Okumak yetmez. Daha çok bir çığlık. Sorular da var. Ama sakın şu gaza gelinmesin.
“Genelkurmay başkanı Necdet Özel’e amma da sitem etmiş” diye başlayan bir gaz...
Elbette merak ediyoruz. Necdet Özel bu mektubu okurken ne hissetti?
Belli ki sancı büyük...
Tunceli’ye paintball
“OLACAK şey mi?” dedi arkadaşım.
Baktım Tunceli’de Munzur Çayı’nın kenarına bir paintball sahası açılmış...
Yıllarca kan akıtılan, geceleri silahların patladığı Munzur kenarında şimdi gençler boyalı silahlarla oynayacak.
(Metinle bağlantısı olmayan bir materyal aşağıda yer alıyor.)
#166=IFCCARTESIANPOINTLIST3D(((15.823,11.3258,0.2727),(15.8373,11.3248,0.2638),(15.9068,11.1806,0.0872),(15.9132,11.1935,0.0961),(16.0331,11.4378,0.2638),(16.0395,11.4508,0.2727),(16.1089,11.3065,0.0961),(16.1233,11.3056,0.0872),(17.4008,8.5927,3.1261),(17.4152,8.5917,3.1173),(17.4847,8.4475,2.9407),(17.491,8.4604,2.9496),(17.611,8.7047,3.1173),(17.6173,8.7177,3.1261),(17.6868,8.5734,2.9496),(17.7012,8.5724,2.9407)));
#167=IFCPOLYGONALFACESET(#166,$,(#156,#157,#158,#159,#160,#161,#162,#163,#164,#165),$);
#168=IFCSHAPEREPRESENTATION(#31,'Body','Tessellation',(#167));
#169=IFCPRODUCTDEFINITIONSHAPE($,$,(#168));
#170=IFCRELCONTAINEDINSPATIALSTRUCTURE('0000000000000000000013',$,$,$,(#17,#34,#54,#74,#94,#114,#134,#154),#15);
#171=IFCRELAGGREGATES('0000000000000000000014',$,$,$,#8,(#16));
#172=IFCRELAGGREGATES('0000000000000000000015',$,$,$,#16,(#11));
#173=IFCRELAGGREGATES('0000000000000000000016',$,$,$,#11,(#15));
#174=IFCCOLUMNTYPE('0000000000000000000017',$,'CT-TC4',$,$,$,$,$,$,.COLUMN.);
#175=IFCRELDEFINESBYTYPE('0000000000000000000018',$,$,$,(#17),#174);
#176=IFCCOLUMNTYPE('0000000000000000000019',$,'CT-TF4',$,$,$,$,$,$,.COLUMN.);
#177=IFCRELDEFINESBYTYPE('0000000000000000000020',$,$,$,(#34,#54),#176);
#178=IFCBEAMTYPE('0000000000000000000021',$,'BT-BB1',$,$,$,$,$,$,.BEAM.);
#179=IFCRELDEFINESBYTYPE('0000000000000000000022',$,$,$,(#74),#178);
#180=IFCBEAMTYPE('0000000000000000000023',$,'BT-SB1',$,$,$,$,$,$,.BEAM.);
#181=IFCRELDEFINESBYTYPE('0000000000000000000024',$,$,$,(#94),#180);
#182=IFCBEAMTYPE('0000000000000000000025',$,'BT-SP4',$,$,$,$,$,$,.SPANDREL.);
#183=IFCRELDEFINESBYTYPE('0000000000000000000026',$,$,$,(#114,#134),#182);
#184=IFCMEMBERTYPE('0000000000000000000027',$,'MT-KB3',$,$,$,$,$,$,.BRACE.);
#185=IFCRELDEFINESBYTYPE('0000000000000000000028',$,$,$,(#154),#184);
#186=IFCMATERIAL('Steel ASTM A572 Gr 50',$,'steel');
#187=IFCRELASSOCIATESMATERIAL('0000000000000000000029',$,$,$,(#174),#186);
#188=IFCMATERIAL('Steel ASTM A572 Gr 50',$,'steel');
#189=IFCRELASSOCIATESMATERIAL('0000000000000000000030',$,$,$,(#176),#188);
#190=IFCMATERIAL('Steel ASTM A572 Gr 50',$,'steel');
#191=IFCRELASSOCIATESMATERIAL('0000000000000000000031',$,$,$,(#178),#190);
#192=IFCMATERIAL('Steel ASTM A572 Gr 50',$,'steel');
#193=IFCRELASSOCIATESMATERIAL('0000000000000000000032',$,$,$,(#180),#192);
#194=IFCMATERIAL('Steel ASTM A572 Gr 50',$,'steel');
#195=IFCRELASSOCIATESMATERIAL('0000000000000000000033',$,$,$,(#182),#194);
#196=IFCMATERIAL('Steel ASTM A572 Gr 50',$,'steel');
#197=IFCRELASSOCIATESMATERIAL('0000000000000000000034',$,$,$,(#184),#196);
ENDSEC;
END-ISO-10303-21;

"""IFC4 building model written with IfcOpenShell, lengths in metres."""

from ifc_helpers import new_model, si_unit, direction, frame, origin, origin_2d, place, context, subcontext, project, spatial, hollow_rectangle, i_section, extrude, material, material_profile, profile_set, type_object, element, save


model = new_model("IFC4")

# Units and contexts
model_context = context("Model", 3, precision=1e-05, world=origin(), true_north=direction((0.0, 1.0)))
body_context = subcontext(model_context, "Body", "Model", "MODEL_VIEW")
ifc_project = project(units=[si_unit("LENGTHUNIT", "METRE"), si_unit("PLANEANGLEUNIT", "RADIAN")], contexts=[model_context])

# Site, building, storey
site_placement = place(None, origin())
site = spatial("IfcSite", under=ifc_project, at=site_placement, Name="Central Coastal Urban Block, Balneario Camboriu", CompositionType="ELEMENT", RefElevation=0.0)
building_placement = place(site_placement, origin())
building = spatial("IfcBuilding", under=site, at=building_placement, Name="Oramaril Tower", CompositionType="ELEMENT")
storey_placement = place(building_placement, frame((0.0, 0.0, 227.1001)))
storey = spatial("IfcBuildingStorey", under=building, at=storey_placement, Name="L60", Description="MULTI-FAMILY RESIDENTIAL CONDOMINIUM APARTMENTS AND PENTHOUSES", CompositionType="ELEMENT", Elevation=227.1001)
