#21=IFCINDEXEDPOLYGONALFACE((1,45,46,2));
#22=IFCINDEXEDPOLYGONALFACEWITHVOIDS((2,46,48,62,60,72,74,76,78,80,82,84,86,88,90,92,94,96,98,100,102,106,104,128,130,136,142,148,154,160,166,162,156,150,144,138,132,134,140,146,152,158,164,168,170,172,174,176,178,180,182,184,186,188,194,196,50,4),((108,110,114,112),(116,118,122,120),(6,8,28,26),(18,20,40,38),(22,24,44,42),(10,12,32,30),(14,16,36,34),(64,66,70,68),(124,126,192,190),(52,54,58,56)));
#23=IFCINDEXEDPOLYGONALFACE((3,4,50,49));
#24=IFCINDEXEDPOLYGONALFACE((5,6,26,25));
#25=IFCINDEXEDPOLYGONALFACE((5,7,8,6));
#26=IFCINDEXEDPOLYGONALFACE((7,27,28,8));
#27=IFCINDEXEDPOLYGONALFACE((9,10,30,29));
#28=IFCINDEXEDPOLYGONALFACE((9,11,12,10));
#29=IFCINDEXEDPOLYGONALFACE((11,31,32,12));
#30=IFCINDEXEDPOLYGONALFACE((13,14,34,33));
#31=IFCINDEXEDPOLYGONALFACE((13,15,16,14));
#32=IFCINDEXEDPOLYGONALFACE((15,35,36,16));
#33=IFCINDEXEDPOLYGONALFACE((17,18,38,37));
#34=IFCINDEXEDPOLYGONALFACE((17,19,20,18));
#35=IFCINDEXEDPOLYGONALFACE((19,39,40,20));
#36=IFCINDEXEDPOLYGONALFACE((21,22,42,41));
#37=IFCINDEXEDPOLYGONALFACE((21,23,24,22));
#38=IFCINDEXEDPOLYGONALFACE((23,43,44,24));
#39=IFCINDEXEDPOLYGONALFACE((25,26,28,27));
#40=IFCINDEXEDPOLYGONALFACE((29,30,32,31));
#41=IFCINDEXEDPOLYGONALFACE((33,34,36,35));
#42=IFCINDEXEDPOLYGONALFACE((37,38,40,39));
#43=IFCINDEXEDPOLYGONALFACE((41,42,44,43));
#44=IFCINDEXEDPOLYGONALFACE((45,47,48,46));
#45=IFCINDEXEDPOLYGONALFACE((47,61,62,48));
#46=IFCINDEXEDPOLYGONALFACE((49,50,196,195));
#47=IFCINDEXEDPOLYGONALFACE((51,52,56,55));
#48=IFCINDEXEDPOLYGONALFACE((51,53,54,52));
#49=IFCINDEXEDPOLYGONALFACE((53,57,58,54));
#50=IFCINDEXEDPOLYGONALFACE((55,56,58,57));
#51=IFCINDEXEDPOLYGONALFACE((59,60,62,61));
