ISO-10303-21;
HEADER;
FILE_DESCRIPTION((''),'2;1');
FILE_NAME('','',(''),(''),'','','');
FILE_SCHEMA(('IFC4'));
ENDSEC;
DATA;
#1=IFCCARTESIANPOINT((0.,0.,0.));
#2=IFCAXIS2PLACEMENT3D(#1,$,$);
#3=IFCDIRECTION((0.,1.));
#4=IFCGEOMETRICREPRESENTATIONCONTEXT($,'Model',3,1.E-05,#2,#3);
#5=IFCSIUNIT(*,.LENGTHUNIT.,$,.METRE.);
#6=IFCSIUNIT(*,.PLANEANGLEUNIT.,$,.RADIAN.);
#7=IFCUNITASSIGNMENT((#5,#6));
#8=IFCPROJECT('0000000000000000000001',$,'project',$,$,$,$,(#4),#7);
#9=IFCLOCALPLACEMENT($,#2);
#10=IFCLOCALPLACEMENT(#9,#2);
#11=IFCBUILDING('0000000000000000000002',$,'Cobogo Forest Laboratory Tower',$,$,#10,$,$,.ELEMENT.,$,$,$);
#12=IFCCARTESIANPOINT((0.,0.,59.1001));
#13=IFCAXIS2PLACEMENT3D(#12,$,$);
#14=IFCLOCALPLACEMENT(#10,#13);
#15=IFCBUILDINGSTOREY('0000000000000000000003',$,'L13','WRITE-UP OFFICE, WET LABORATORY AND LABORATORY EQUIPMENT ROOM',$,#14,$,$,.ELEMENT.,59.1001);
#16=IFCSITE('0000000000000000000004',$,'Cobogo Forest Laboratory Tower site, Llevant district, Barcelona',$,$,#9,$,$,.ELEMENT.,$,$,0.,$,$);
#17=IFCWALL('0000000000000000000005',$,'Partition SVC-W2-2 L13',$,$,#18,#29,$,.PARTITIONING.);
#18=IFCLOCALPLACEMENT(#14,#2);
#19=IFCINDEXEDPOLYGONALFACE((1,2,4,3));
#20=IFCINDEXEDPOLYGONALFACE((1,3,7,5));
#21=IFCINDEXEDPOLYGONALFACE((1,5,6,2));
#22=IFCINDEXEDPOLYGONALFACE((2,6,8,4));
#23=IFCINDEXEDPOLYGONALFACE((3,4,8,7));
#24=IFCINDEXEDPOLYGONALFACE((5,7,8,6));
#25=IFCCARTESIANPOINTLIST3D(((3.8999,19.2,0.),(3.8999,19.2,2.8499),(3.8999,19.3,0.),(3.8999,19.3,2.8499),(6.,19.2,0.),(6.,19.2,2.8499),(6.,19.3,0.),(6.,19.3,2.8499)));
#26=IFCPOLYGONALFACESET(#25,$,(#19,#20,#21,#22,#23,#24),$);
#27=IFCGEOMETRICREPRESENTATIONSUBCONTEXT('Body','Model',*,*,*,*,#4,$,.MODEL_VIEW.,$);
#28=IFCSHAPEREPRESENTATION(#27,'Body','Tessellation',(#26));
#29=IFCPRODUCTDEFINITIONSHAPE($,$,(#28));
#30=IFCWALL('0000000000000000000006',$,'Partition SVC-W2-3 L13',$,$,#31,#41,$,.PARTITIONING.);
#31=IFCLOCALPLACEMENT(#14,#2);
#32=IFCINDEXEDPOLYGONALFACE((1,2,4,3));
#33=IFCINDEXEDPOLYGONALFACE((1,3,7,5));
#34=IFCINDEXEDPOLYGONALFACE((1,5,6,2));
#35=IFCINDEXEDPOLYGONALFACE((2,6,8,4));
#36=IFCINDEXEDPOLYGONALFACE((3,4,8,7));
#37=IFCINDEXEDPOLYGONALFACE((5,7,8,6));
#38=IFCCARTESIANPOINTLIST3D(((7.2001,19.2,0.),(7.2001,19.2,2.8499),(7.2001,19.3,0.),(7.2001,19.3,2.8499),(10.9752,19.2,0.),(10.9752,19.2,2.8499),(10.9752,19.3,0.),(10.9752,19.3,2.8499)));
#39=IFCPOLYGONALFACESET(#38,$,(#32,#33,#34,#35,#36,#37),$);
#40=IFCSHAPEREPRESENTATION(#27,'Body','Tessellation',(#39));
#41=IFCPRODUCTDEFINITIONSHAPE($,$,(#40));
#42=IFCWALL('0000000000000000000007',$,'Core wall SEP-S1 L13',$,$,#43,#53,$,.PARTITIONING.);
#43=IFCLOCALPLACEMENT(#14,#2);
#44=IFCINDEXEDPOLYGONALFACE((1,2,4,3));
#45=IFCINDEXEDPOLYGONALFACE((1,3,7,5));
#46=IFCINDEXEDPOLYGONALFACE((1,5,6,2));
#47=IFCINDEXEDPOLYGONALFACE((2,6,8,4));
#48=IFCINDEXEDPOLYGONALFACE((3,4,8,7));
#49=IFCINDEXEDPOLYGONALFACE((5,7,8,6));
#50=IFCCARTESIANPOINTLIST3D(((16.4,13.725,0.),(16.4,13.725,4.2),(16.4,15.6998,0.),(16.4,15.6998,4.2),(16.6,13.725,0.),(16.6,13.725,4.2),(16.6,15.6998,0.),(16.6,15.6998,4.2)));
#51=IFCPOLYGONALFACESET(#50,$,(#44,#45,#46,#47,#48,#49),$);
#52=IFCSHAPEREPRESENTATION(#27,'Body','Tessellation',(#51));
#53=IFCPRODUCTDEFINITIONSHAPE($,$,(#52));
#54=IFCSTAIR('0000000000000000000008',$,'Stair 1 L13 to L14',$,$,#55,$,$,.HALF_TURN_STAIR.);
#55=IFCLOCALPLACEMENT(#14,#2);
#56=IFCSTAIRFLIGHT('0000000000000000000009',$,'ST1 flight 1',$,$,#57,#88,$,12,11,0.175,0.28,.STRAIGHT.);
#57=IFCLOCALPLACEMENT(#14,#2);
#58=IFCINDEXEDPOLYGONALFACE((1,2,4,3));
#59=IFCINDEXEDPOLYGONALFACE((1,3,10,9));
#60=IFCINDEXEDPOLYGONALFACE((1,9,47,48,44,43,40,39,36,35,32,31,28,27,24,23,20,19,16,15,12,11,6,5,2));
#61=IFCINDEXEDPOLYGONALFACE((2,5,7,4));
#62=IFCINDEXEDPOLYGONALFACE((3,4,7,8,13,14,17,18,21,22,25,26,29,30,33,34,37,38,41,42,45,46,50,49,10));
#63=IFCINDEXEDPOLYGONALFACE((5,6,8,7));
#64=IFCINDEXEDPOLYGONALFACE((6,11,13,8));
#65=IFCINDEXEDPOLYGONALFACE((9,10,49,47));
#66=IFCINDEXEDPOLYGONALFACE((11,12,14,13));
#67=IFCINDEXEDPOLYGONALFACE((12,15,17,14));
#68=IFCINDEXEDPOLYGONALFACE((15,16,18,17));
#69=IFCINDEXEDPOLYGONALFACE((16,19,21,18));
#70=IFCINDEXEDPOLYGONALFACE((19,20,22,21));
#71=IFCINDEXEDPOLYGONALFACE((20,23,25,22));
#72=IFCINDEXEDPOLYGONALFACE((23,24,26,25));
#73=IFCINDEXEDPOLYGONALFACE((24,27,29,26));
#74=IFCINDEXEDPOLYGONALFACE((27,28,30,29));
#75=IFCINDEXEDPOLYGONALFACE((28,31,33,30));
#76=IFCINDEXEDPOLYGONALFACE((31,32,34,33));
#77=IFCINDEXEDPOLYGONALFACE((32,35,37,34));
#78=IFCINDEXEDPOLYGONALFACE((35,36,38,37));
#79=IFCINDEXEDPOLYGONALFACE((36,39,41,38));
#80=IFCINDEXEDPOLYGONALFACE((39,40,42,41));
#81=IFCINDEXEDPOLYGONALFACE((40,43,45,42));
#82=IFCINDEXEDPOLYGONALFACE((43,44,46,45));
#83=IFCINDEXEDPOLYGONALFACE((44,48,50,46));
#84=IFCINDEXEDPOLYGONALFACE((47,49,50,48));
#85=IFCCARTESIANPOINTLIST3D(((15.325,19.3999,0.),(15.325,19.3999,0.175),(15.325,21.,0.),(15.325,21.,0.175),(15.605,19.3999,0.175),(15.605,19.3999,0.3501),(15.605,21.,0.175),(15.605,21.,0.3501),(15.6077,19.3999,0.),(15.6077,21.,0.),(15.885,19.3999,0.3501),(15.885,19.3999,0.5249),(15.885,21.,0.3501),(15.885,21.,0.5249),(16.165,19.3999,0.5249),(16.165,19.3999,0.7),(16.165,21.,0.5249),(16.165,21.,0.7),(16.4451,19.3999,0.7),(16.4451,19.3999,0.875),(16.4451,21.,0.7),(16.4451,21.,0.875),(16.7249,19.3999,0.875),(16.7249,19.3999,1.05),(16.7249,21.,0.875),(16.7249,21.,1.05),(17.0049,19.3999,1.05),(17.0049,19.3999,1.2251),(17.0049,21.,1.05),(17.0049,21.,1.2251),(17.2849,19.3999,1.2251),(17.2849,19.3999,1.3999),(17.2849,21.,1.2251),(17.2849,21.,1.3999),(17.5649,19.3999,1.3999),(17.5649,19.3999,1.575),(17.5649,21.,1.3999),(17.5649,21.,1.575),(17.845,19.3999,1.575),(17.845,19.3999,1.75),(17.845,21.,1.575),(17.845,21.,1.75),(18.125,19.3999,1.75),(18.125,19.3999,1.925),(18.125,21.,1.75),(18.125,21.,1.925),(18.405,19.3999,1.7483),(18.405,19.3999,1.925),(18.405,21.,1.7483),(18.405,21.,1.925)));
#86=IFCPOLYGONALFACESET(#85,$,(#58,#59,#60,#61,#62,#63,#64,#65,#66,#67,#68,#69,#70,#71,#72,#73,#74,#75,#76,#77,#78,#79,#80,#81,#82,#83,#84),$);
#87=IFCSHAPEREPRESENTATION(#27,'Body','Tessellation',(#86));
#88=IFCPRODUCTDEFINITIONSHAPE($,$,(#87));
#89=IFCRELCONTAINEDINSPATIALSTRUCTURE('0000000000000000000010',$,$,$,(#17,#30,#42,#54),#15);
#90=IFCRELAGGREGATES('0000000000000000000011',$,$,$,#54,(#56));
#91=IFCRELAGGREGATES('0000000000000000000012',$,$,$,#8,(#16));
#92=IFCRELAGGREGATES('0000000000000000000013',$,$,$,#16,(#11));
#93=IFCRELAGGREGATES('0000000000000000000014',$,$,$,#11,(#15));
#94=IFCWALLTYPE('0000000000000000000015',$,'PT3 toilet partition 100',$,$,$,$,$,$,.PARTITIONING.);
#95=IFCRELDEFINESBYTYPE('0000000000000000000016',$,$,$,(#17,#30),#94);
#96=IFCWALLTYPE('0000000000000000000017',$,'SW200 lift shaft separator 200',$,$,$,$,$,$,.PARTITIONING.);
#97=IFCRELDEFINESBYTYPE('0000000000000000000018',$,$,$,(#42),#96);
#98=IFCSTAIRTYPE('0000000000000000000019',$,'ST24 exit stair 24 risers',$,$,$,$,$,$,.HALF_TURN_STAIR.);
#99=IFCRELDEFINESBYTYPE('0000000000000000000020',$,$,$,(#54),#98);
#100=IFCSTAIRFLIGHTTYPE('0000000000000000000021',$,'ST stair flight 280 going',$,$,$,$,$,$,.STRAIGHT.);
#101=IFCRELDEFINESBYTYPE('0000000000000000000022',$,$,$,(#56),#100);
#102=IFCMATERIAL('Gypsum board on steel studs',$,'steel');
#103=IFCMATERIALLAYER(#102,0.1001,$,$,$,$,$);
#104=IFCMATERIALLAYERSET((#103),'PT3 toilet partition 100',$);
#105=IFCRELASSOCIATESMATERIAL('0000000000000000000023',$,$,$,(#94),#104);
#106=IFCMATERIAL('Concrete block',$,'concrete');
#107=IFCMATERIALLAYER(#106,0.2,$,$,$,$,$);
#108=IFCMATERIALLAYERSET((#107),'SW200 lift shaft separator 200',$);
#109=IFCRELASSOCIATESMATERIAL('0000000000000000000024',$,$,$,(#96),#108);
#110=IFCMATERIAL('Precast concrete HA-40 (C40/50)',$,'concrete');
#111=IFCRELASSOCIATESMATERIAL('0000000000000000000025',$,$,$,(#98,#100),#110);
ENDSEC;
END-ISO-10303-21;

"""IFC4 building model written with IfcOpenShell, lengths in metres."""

from ifc_helpers import new_model, si_unit, direction, frame, frame_2d, origin, place, context, subcontext, project, spatial, polyline, rectangle, outline, extrude, material, layer, layer_set, type_object, element, aggregate, save


model = new_model("IFC4")

# Units and contexts
model_context = context("Model", 3, precision=1e-05, world=origin(), true_north=direction((0.0, 1.0)))
body_context = subcontext(model_context, "Body", "Model", "MODEL_VIEW")
ifc_project = project(units=[si_unit("LENGTHUNIT", "METRE"), si_unit("PLANEANGLEUNIT", "RADIAN")], contexts=[model_context])

# Site, building, storey
site_placement = place(None, origin())
site = spatial("IfcSite", under=ifc_project, at=site_placement, Name="Cobogo Forest Laboratory Tower site, Llevant district, Barcelona", CompositionType="ELEMENT", RefElevation=0.0)
building_placement = place(site_placement, origin())
building = spatial("IfcBuilding", under=site, at=building_placement, Name="Cobogo Forest Laboratory Tower", CompositionType="ELEMENT")
storey_placement = place(building_placement, frame((0.0, 0.0, 59.1001)))
storey = spatial("IfcBuildingStorey", under=building, at=storey_placement, Name="L13", Description="WRITE-UP OFFICE, WET LABORATORY AND LABORATORY EQUIPMENT ROOM", CompositionType="ELEMENT", Elevation=59.1001)

# Walls
ifc_material_1 = material(Name="Gypsum board on steel studs", Category="steel")
ifc_layer_1 = layer(ifc_material_1, 0.1001)
ifc_layer_set_1 = layer_set([ifc_layer_1], Name="PT3 toilet partition 100")
wall_type_1 = type_object("IfcWallType", Name="PT3 toilet partition 100", PredefinedType="PARTITIONING", material=ifc_layer_set_1)
wall_1_placement = place(storey_placement, frame((3.8999, 19.25, 0.0), z_axis=(0.0, 0.0, 1.0), x_axis=(1.0, 0.0, 0.0)))
element("IfcWall", 1, at=wall_1_placement, inside=storey, type_object=wall_type_1, Name="Partition SVC-W2-2 L13", PredefinedType="PARTITIONING", context=body_context, shape_type="SweptSolid", body=[
    extrude(rectangle(XDim=2.1001, YDim=0.1001, at=frame_2d((1.05, 0.0))), origin(), (0.0, 0.0, 1.0), 2.8499),
])
wall_2_placement = place(storey_placement, frame((7.2, 19.25, 0.0), z_axis=(0.0, 0.0, 1.0), x_axis=(1.0, 0.0, 0.0)))
element("IfcWall", 2, at=wall_2_placement, inside=storey, type_object=wall_type_1, Name="Partition SVC-W2-3 L13", PredefinedType="PARTITIONING", context=body_context, shape_type="SweptSolid", body=[
    extrude(rectangle(XDim=3.7751, YDim=0.1001, at=frame_2d((1.8877, 0.0))), origin(), (0.0, 0.0, 1.0), 2.8499),
])
ifc_material_2 = material(Name="Concrete block", Category="concrete")
ifc_layer_2 = layer(ifc_material_2, 0.2)
ifc_layer_set_2 = layer_set([ifc_layer_2], Name="SW200 lift shaft separator 200")
wall_type_2 = type_object("IfcWallType", Name="SW200 lift shaft separator 200", PredefinedType="PARTITIONING", material=ifc_layer_set_2)
wall_3_placement = place(storey_placement, frame((16.5, 13.7251, 0.0), z_axis=(0.0, 0.0, 1.0), x_axis=(0.0, 1.0, 0.0)))
element("IfcWall", 3, at=wall_3_placement, inside=storey, type_object=wall_type_2, Name="Core wall SEP-S1 L13", PredefinedType="PARTITIONING", context=body_context, shape_type="SweptSolid", body=[
    extrude(rectangle(XDim=1.9749, YDim=0.2, at=frame_2d((0.9873, 0.0))), origin(), (0.0, 0.0, 1.0), 4.2),
])

# Stair, stair flight
ifc_material_3 = material(Name="Precast concrete HA-40 (C40/50)", Category="concrete")
stair_type = type_object("IfcStairType", Name="ST24 exit stair 24 risers", PredefinedType="HALF_TURN_STAIR", material=ifc_material_3)
stair_placement = place(storey_placement, origin())
stair = element("IfcStair", 4, at=stair_placement, inside=storey, type_object=stair_type, Name="Stair 1 L13 to L14", PredefinedType="HALF_TURN_STAIR")
stair_flight_type = type_object("IfcStairFlightType", Name="ST stair flight 280 going", PredefinedType="STRAIGHT", material=ifc_material_3)
stair_flight_placement = place(storey_placement, frame((15.325, 20.2, 0.0), z_axis=(0.0, 0.0, 1.0), x_axis=(1.0, 0.0, 0.0)))
stair_flight = element("IfcStairFlight", 5, at=stair_flight_placement, type_object=stair_flight_type, Name="ST1 flight 1", NumberOfRisers=12, NumberOfTreads=11, PredefinedType="STRAIGHT", RiserHeight=0.175, TreadLength=0.28, context=body_context, shape_type="SweptSolid", body=[
    extrude(outline(polyline([(0.0, 0.0), (0.0, 0.175), (0.28, 0.175), (0.28, 0.3501), (0.5601, 0.3501), (0.5601, 0.5249), (0.8401, 0.5249), (0.8401, 0.7), (1.1201, 0.7), (1.1201, 0.875), (1.3999, 0.875), (1.3999, 1.05), (1.6799, 1.05), (1.6799, 1.2251), (1.96, 1.2251), (1.96, 1.3999), (2.24, 1.3999), (2.24, 1.575), (2.52, 1.575), (2.52, 1.75), (2.8, 1.75), (2.8, 1.925), (3.0801, 1.925), (3.0801, 2.1001), (3.0801, 1.7483), (0.2827, 0.0), (0.0, 0.0)])), frame((0.0, 0.8, 0.0), z_axis=(0.0, -1.0, 0.0), x_axis=(1.0, 0.0, 0.0)), (0.0, 0.0, 1.0), 1.6001),
])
Birbirlerini boyayla vuracaklar...
Kansız mermiler...
Fotoğraflar var. Gençler bayramda birbirlerine ateş ediyor.
Boyalarla...
30 yıldır ölen çocukların posterlerine bakarken...
Ne garip geliyor değil mi?
Ne dinlesek ne okusak
TEOMAN dinledim...
Bence artık yapacağı bir beste var mı?
Duman dinledim.
Evlendikten sonra durdu mu?
Sezen dinledim...
Kulaklarımdan önce...
Kalbimdeki ses Nazan Öncel’miş...
Okumak için “Hasan Ali Toptaş” derim...
Helal olsun
CUMHURİYET tarihinin en büyük yolu açılıyor.
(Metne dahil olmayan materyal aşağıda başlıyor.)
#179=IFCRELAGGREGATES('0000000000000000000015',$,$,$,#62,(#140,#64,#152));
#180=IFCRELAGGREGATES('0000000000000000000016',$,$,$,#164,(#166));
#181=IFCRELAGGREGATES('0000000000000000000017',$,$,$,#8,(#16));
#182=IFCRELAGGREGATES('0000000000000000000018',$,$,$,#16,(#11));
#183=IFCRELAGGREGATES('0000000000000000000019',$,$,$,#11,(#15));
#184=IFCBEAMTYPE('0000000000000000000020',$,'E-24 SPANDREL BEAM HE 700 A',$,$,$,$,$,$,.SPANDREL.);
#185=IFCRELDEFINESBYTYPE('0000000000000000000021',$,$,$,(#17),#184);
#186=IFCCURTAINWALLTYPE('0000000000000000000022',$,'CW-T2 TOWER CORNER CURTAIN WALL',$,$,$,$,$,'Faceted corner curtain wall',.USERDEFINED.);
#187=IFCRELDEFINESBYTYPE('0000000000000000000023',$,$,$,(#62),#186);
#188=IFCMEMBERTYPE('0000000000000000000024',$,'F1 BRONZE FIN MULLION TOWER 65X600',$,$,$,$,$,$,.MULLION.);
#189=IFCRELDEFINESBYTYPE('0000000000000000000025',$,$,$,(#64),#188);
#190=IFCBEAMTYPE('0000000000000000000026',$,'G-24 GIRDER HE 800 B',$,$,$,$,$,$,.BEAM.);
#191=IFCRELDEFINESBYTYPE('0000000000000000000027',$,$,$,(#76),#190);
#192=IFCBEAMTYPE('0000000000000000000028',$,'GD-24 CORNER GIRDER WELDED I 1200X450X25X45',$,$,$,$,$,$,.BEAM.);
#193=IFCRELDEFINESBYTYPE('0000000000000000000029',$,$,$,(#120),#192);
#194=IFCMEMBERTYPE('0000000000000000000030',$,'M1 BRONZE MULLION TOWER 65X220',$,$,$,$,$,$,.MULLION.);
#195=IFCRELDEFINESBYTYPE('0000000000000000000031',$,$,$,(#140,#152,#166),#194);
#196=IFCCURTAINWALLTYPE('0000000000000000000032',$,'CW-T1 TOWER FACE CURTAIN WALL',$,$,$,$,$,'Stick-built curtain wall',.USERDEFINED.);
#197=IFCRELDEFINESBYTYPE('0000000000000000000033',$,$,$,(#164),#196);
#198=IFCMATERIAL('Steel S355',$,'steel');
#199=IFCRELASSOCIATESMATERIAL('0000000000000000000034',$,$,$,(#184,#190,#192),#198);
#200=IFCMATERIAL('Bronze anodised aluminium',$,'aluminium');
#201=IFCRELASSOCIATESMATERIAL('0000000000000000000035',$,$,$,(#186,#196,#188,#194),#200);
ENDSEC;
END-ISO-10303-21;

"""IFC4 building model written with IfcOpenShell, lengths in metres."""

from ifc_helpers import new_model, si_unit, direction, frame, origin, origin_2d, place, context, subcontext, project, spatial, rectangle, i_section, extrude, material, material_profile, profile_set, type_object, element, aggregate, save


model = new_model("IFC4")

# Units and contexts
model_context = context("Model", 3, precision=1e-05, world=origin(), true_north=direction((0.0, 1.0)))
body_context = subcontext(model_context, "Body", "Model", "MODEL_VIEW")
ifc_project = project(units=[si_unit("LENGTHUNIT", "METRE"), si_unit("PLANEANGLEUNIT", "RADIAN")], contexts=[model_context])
Boğaz’ın altından Pekin, Londra’ya bağlanıyor...
Büyük olaydır bu... Bir fetih değildir belki ama...
Kıtaların birbirini fethidir.
29 Ekim’de açılacakmış...
Ben şimdiden kutluyorum...
Helal olsun...
29 Ekim’de bayram dediğin böyle olur.